As readers are well aware, Silicon Valley Bank collapsed during a bank run March 10, throwing its 40,000 customers — including a large portion of climate tech startups — along with the U.S. banking system into a frenzy over the subsequent weekend as we waited to see what would happen.
Fortunately, the federal government stepped in and guaranteed the 97 percent of SVB’s deposits that were uninsured. It is impossible to know what the outcome would have been in the absence of this support, but it’s safe to say it could have been catastrophic to the startup and climate tech communities, not to mention the entire U.S. banking system.
Even if we don’t enjoy thinking about it, it’s important to note that banks do fail and not just Silicon Valley Bank. In fact, there have been 73 bank failures in the past 10 years with at least one bank failing each year except for 2018, 2021 and 2022.
Many people wonder why SVB’s customers didn’t do more due diligence on the bank, which they were storing millions of dollars in uninsured accounts. The reality is most startups don’t have the capacity or competency to evaluate banks in their early days. Instead, many outsource that responsibility and hope for the best. Evaluating one bank can be a time-consuming process, evaluating the dozens or hundreds of banks that would be required to store a startup's millions in insured $250,000 increments and then opening accounts at each of those banks would be a full-time job.
Consider using insured cash sweeps
As the details behind SVB’s demise emerged, the revelation that many successful companies with talented and capable leadership exposed themselves to annihilation by keeping up to hundreds of millions of dollars in uninsured accounts at a single bank has shone a spotlight on a neat little fintech risk management tool called insured cash sweeps.
Insured cash sweeps are a service offered by banks that have joined together to form a network of deposit holding institutions. When a client at one of the network banks has deposits in excess of the $250,000 insured by the Federal Deposit Insurance Corporation (FDIC), the uninsured cash is "swept" out of their checking account and deposited in $250,000 increments at other banks in the network.
The bank does all of this each day with minimal/no effort on the part of the client — for a fee, of course.
Reconsider the impact of that cash
Now this is GreenFin Weekly after all and not just Fin Weekly, so how can startups take those insured cash sweeps and use them to create a sustainable, prosperous and equitable world?
Instead of working with a traditional bank to sweep uninsured funds into insured accounts at its partner banks, you could work with institutions focused on impact investing to make impact cash deposits.

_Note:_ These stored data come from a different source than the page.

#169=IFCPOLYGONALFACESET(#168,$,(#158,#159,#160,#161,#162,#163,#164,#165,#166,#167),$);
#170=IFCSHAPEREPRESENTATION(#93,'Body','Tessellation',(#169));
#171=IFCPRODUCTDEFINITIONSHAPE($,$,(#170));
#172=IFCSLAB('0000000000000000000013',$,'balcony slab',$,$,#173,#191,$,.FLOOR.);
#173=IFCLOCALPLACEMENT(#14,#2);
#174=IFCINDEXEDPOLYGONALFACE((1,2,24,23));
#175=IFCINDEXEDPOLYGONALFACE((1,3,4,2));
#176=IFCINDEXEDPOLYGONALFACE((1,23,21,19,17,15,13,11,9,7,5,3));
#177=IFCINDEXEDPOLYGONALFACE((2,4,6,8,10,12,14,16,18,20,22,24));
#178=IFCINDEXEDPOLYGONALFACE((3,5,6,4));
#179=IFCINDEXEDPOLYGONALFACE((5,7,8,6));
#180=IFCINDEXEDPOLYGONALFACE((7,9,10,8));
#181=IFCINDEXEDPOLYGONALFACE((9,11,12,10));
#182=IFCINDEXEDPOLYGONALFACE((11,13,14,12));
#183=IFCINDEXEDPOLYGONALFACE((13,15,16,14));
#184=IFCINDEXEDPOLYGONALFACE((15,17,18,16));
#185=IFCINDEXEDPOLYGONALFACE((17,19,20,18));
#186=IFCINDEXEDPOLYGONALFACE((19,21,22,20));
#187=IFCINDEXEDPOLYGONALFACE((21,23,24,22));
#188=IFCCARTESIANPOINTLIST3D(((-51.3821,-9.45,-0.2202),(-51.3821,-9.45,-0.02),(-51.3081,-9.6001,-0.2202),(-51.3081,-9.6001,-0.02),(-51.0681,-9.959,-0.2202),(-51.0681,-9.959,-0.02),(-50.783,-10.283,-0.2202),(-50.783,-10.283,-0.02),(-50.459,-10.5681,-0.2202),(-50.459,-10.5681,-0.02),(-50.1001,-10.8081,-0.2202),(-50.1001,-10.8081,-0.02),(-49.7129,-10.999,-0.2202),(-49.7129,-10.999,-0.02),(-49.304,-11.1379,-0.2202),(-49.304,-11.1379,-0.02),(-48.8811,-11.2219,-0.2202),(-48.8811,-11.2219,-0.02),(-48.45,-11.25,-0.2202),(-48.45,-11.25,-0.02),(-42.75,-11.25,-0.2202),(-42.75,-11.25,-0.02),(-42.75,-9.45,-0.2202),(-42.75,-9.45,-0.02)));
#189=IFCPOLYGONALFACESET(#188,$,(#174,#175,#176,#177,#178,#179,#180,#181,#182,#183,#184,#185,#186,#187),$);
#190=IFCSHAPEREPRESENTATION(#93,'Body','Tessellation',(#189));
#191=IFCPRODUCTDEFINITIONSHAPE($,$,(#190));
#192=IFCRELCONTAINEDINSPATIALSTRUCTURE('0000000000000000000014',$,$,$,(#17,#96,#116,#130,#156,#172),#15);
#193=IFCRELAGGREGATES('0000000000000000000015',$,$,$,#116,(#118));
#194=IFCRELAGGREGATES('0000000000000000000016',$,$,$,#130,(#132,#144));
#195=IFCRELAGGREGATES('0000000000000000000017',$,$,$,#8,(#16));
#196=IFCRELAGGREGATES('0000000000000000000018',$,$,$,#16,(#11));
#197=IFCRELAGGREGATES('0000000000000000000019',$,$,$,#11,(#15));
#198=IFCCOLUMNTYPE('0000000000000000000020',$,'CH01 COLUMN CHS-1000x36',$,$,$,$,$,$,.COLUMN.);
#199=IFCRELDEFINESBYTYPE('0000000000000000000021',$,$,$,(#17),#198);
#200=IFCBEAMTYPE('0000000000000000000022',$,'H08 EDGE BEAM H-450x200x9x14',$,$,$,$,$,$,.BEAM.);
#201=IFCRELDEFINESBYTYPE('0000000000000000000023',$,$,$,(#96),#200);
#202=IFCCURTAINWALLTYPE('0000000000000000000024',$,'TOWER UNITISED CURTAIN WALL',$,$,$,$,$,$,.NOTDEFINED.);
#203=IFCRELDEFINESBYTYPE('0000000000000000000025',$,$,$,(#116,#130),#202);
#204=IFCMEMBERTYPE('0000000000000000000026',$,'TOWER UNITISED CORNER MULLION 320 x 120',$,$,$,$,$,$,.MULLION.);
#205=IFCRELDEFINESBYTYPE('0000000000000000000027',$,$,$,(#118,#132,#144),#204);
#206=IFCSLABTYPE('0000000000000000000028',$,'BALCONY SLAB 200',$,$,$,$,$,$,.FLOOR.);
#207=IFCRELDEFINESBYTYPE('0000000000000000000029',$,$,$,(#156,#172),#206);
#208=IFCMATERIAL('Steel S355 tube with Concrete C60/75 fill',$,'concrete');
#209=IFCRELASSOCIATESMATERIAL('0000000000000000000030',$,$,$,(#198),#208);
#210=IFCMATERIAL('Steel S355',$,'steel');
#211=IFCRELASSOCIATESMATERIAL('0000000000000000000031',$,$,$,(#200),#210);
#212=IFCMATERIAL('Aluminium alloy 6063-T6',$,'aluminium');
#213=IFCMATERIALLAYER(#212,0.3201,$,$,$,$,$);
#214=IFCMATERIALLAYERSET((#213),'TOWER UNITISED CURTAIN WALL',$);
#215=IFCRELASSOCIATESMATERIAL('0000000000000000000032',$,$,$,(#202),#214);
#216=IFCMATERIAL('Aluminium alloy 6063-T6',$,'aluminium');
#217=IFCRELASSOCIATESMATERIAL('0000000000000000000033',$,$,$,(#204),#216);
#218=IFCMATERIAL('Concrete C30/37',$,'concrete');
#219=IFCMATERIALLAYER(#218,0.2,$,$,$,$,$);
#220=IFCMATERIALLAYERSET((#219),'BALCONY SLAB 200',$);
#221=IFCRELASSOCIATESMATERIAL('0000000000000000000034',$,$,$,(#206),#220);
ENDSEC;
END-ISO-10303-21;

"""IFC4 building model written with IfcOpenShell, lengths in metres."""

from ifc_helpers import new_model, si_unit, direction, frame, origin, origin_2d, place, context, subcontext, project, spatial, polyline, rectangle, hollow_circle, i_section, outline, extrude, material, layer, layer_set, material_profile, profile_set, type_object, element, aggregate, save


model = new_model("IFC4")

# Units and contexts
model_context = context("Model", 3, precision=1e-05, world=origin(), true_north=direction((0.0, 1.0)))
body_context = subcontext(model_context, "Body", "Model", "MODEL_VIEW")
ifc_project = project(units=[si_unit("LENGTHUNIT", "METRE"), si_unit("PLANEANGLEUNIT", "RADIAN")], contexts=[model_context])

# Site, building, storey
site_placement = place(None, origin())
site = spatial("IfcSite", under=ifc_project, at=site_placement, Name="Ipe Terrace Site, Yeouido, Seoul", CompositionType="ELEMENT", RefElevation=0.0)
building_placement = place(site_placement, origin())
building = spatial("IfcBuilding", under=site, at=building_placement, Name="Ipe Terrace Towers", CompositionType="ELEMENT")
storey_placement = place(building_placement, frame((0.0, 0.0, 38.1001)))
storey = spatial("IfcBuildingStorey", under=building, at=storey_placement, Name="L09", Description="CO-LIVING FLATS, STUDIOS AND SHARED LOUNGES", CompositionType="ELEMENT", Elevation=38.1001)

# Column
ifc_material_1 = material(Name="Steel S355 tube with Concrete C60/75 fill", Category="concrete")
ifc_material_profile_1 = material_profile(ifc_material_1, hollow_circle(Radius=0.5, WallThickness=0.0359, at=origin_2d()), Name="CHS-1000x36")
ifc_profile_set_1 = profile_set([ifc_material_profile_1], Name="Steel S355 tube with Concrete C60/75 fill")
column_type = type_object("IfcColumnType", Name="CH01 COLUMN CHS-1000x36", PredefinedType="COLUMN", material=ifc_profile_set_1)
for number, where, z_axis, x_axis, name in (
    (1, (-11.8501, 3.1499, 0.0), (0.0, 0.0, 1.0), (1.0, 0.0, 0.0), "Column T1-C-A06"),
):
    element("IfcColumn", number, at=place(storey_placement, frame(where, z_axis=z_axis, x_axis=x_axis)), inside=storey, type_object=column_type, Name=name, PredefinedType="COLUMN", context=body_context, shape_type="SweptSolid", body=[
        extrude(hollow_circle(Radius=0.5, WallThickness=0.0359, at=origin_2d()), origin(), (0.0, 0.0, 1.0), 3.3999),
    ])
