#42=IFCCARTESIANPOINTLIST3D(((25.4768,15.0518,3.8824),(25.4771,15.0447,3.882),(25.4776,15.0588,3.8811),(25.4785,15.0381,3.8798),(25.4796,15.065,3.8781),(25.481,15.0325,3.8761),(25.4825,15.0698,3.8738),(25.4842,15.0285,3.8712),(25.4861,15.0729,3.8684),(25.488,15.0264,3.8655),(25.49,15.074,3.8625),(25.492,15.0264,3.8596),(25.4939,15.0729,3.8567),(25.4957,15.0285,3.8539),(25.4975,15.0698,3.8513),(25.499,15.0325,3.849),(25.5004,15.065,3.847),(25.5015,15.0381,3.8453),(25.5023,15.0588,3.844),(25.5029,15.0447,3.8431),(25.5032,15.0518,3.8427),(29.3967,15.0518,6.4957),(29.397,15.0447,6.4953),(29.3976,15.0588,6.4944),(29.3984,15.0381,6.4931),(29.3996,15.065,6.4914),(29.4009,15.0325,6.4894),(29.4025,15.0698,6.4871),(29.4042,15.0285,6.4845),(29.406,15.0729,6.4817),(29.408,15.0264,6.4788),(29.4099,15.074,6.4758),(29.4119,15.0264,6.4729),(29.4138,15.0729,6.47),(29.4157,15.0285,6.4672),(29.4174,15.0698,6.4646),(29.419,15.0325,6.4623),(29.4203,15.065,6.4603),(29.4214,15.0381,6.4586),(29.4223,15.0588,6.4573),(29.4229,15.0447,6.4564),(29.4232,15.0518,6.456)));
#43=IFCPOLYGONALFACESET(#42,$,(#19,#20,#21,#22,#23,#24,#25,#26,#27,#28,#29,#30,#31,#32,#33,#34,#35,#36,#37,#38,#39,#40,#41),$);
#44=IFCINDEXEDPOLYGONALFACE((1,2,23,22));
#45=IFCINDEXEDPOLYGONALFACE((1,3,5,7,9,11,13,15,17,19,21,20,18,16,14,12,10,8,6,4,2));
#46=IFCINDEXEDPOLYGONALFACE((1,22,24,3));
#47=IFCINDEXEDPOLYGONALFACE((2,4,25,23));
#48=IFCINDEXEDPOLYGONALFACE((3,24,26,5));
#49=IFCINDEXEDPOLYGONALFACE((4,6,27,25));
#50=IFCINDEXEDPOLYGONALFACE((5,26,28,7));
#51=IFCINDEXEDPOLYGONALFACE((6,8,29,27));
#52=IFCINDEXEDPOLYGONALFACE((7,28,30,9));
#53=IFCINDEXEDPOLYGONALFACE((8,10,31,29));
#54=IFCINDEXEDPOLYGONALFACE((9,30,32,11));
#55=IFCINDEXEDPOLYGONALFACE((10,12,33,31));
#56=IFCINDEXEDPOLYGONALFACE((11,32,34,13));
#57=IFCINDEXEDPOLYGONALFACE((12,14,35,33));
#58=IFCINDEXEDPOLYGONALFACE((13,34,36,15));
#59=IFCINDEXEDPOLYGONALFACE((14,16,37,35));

What are impact cash deposits? They are basically insured cash sweeps, but instead of being managed by a network of big banks, impact cash deposits use networks of credit unions, community development financial institutions (CDFIs) and low-income designated (LID) financial institutions. This practice supports improving access to capital for financially underserved communities.
Due diligence, diversification and insurance
That’s where impact platforms such as CNote and Impact Deposits Corp. come into play. Both organizations evaluate and cultivate networks of banks, credit unions, CDFIs and LID financial institutions and then manage the opening, transferring and monitoring of accounts at each institution so that you only have to worry about one account.
CNote CEO Catherine Berman said: "It can be very hard to do on your own. If a corporate treasury team actually has to call all these banks and open all these accounts, it is very cumbersome and arduous. However, our platform really brings the easy button. We make it very easy for the team to get started. And in fact, we can go from the first conversation to your first deployment within a matter of two weeks."
Too good to be true?
Cameron Turner, a fund manager at Oxford Angel Fund and an early CNote investor, described impact cash deposits as "... a win-win from the standpoint of having a non-concessionary product." Turner later characterized the competitive rate, downside protection and positive impact as a "triple win" for clients.
On Monday, Vice President Kamala Harris highlighted the important role CDFIs play in supporting the small businesses that employ half of all American workers, when she announced that $1.7 billion of grants will be distributed to more than 600 community lenders through the CDFI Equitable Recovery Program. The Vice President and senior Biden administration officials emphasized the need for improving access to capital for underserved communities in order to close the racial wealth gap and create an economy that works for everyone.
With over $1 trillion of uninsured deposits held in U.S. banks, it’s time to put that money to work.